Стоп! В издательстве рассматривался вопрос о предисловии к «Избранному» Осипа Мандельштама?! И в кандидатах, оказывается, ходили Корабельников[36] и приснопамятный Лев Каменев?! — да, тот самый, к которому, по протекции Эммы Герштейн и из любопытства (и еще в поисках союзников в «битве под Уленшпигелем»), в марте 1930 года ходил знакомиться Мандельштам, тот самый Каменев, чье гнусное предисловие к «Началу века» доконало Андрея Белого!

И фоном всему этому — новые групповые репрессии против писателей. 11 октября за сочинение и распространение «контрреволюционных басен-сатир» арестованы Эмиль Герман (Кроткий), Владимир Масс и Николай Эрдман. Всех троих, по постановлениям ОСО (Особого следственного отделения) при коллегии ОГПУ от 14 и 16 октября 1933 года, приговорили к высылке на три года: соответственно, в города Тобольск тогдашнего Уральского края, Камень Западно-Сибирского и Енисейск Восточно-Сибирского краев[37].

Буквально по слову поэта: «Уведи меня в ночь, где течет Енисей…»

 

 

Стихи о Сталине

 

В ноябре 1933 года (а скорее все же — еще в октябре[38]) Мандельштам написал свою знаменитую и роковую эпиграмму на Сталина — «Мы живем под собою не чуя страны...». И почти сразу же начал ее читать «своим».

Эмма Герштейн вспоминала, как однажды утром к ней неожиданно пришла, можно сказать, влетела Надя и произнесла:

«„Ося сочинил очень резкое стихотворение. Его нельзя записать. Никто, кроме меня, его не знает. Нужно, чтобы еще кто-нибудь его запомнил. Это будете вы. Мы умрем, а вы передадите его потом людям. Ося прочтет его вам, а потом вы выучите его наизусть со мной. Пока никто не должен об этом знать. Особенно Лева”.

Надя была очень взвинчена. Мы тотчас пошли в Нащокинский.
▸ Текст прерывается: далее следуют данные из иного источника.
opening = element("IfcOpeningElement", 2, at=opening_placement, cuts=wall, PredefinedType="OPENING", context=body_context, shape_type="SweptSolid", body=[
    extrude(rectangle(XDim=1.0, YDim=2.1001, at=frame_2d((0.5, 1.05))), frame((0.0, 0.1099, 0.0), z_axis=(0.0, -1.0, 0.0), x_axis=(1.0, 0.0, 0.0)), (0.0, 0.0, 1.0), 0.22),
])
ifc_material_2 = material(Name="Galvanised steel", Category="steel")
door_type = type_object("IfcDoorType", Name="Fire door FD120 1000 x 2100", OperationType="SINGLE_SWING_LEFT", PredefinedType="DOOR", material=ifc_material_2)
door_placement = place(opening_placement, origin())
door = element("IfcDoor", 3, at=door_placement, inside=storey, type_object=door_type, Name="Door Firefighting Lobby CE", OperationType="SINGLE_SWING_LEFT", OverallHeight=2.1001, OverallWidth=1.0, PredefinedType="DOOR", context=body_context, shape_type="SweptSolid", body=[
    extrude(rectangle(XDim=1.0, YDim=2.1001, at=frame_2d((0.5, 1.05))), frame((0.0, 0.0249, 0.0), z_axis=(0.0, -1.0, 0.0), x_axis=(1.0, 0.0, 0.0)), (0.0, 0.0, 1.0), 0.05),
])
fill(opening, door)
Надя оставила меня наедине с Осипом Эмильевичем в большой комнате. Он прочел: „Мы живем, под собою не чуя страны” и т. д. все до конца <…>. Но прочитав заключительное двустишие — „Что ни казнь у него, то малина. И широкая грудь осетина”, он вскричал:

— Нет, нет! Это плохой конец. В нем есть что-то цветаевское. Я его отменяю. Будет держаться и без него… — И он снова прочел все стихотворение, закончив с величайшим воодушевлением:

 

Как подковы дарит за указом указ —

Кому в лоб, кому в пах,

Кому в бровь, кому в глаз!!!

 

— Это комсомольцы будут петь на улицах! — подхватил он сам себя ликующе. — В Большом театре… на съездах… со всех ярусов… — И он зашагал по комнате.

Обдав меня своим прямым огненным взглядом, он остановился:

— Смотрите — никому. Если дойдет, меня могут… РАССТРЕЛЯТЬ!
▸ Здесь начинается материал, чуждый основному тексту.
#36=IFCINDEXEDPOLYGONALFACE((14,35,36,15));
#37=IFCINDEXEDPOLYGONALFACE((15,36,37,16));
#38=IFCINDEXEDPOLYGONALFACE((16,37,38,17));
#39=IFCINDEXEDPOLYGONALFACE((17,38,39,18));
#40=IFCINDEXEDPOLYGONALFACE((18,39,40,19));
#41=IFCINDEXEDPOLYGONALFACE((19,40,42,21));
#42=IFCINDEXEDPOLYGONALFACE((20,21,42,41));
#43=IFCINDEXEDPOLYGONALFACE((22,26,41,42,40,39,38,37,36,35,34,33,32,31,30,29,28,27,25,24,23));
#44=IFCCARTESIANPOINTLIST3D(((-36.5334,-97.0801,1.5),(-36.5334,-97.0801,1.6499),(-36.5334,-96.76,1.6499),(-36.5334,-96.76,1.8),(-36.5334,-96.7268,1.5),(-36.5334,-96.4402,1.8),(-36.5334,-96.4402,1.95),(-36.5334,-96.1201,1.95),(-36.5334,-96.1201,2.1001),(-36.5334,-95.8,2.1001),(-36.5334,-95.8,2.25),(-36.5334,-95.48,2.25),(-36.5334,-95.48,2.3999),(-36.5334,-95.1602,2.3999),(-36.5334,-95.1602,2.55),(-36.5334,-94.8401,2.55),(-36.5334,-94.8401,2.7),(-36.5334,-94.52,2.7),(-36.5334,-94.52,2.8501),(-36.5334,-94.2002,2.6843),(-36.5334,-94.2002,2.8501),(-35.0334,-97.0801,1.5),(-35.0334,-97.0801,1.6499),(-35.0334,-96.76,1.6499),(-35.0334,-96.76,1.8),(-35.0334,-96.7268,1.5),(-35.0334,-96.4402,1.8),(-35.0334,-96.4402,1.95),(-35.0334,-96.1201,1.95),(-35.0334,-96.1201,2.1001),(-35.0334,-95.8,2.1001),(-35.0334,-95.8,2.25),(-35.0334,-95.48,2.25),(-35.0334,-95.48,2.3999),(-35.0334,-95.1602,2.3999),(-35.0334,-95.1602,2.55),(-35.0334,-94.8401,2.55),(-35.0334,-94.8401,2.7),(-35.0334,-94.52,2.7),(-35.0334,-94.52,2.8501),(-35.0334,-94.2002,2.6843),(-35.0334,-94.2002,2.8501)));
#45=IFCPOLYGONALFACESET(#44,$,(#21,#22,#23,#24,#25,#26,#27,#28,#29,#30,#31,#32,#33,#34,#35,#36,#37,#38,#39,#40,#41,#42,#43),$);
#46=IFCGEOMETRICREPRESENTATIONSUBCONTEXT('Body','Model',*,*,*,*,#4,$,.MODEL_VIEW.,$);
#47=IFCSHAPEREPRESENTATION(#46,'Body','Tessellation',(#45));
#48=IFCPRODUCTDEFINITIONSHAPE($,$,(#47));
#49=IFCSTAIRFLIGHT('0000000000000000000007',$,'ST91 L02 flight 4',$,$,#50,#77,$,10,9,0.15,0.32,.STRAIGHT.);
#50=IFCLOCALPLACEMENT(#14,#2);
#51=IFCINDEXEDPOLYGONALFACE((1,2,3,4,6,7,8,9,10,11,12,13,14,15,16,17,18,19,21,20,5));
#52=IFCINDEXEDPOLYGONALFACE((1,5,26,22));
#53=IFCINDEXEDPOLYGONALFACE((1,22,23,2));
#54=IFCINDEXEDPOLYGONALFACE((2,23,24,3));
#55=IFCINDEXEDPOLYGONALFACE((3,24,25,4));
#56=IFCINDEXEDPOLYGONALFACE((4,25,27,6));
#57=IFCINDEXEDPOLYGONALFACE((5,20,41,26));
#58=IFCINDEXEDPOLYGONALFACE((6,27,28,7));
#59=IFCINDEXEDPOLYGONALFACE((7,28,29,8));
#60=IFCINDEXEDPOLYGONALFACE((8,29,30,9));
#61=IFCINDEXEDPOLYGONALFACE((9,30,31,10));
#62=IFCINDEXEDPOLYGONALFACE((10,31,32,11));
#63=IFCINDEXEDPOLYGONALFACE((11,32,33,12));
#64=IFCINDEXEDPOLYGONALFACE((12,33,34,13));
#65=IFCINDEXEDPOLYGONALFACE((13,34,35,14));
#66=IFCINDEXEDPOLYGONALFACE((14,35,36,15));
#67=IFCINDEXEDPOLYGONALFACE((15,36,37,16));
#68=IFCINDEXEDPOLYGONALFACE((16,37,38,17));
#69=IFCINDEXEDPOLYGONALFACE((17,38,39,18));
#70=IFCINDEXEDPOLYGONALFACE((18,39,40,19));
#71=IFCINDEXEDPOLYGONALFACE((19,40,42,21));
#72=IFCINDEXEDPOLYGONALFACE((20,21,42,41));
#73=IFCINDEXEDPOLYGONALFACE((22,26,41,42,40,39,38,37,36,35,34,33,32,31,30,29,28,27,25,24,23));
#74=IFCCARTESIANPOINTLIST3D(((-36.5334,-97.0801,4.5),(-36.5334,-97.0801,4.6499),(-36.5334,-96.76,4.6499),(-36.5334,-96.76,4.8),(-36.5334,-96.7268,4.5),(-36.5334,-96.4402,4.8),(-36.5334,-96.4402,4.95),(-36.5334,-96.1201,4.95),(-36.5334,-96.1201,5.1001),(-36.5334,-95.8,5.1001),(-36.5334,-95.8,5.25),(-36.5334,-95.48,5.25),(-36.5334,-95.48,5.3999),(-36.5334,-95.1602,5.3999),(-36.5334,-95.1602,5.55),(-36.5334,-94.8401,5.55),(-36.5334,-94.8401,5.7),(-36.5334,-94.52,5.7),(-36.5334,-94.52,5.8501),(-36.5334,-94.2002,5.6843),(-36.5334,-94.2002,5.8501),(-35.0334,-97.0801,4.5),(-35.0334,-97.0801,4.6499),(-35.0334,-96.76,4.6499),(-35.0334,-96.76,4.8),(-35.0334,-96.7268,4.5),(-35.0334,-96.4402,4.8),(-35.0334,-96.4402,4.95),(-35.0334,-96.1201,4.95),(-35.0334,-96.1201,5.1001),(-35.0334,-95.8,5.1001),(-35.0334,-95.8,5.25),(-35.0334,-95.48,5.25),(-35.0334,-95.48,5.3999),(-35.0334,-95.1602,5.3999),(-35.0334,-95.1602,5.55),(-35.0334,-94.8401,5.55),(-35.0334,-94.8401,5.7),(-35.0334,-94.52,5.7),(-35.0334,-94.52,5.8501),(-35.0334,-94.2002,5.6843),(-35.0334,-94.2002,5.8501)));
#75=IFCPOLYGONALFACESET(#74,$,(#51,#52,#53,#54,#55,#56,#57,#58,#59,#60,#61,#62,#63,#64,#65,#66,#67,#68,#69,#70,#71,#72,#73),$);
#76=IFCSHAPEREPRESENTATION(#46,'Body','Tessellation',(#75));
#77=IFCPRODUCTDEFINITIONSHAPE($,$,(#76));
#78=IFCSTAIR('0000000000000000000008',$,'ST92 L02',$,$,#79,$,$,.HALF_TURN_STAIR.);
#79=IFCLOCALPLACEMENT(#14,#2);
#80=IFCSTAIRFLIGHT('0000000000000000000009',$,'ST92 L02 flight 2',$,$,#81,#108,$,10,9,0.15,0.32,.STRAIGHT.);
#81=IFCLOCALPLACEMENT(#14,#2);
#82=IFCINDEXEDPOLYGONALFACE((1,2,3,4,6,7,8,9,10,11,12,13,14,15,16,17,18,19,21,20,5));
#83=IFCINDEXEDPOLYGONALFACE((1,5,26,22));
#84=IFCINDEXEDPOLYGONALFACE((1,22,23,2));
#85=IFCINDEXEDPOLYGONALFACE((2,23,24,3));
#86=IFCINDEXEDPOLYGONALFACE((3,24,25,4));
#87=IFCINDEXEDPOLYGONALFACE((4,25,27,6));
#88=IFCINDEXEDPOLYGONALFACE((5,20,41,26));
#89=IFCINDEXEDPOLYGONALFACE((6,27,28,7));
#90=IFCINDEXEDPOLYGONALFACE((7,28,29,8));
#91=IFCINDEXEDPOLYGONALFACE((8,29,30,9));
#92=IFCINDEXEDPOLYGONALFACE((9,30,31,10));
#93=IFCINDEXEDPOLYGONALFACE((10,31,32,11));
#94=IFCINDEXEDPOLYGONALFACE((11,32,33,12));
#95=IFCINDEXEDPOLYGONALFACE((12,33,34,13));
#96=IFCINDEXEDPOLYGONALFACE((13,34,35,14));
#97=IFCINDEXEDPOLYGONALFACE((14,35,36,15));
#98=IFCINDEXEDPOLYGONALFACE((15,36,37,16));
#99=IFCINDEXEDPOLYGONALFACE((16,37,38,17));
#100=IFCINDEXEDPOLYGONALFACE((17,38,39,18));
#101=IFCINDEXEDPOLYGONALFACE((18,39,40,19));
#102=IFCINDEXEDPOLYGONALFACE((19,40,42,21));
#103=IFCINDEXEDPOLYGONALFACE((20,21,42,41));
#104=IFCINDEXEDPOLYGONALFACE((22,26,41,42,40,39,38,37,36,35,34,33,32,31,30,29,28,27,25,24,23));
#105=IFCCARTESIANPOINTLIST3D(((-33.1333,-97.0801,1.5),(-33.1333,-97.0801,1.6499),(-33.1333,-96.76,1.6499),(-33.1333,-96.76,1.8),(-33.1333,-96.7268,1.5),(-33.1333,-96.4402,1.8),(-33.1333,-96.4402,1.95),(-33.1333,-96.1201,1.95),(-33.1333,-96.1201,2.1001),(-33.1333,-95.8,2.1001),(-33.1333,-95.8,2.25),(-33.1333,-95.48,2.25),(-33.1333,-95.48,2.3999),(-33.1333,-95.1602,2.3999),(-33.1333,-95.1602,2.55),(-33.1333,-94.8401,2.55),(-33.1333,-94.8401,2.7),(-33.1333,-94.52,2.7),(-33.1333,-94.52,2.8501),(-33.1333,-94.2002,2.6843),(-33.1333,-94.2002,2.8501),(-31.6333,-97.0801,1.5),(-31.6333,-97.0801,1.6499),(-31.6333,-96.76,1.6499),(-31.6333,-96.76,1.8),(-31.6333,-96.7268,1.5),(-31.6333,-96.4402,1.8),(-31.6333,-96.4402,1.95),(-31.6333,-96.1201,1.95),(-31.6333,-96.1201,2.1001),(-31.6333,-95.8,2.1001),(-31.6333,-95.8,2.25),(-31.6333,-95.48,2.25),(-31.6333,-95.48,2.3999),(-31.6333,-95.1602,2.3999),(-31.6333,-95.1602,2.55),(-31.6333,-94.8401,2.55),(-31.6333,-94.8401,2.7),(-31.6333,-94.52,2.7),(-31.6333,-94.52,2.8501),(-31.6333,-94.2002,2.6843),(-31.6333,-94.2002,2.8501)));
И, особенно гордо закинув голову, он снова зашагал взад и вперед по комнате, на поворотах приподымаясь на цыпочки» (ГЭ, 51 — 52).
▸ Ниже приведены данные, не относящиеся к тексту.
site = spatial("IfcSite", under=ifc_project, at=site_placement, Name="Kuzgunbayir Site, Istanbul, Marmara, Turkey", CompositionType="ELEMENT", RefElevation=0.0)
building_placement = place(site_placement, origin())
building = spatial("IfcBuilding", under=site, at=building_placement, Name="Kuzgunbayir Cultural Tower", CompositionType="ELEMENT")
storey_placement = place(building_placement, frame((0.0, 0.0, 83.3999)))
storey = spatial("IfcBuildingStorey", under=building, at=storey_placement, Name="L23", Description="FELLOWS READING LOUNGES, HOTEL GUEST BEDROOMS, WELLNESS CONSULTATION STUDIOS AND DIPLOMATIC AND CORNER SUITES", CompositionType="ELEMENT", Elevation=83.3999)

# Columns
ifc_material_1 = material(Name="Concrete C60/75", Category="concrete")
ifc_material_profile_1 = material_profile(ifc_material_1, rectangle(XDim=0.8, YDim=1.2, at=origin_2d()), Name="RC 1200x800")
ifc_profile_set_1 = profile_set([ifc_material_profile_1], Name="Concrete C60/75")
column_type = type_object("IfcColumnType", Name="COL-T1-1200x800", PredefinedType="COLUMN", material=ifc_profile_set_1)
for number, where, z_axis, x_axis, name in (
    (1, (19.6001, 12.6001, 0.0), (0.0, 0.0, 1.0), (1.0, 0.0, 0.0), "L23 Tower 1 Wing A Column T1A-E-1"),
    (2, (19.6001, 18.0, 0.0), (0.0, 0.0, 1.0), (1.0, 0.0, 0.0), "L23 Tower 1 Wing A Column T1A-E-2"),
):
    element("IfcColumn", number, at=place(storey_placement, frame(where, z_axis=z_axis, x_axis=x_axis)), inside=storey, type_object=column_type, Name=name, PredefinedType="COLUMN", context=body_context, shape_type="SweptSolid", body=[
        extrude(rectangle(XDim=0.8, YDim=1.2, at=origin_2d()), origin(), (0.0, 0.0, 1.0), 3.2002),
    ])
С Борисом Кузиным было несколько иначе: «Однажды утром О. Э. прибежал ко мне один (без Н. Я.), в сильном возбуждении, но веселый. Я понял, что он написал что-то новое, чем было необходимо поделиться. Этим новым оказалось стихотворение о Сталине. Я был потрясен им, и этого не требовалось выражать словами. После паузы остолбенения я спросил О. Э., читал ли он это еще кому-нибудь. — „Никому, Вам первому. Ну, конечно, Наденька...” Я в полном смысле умолял О. Э. обещать, что Н. Я. и я останемся единственными, кто знает об этих стихах. В ответ последовал очень веселый и довольный смех, но все же обещание никому больше эти стихи не читать О. Э. мне дал. Когда он ушел я сразу же подумал, что немыслимо, чтобы стихи остались неизвестными по крайней мере Евг. Я. (брату Н. Я.) и Анне Андреевне, при первой же ее встрече с О. Э. А Клычкову? — Нет, не сдержит он своего обещания. Слишком уж ему нужно Читателя! Советчика! Врача! Буквально дня через два или три О. Э. со сладчайшей улыбкой, точно бы он съел кусок чудного торта, сообщил мне: „Читал стихи (было понятно, какие) Борису Леонидовичу”. У меня оборвалось сердце. Конечно, Б. Л. Пастернак был вне подозрений (как и Ахматова, и Клычков), но около него всегда увивались люди (как и вокруг О. Э.), которым я очень постерегся бы говорить что-нибудь. А самое главное — мне стало ясно, что за эти несколько дней О. Э. успел прочитать страшные стихи еще не одному своему знакомому. Конец этой истории можно было предсказать безошибочно»[39].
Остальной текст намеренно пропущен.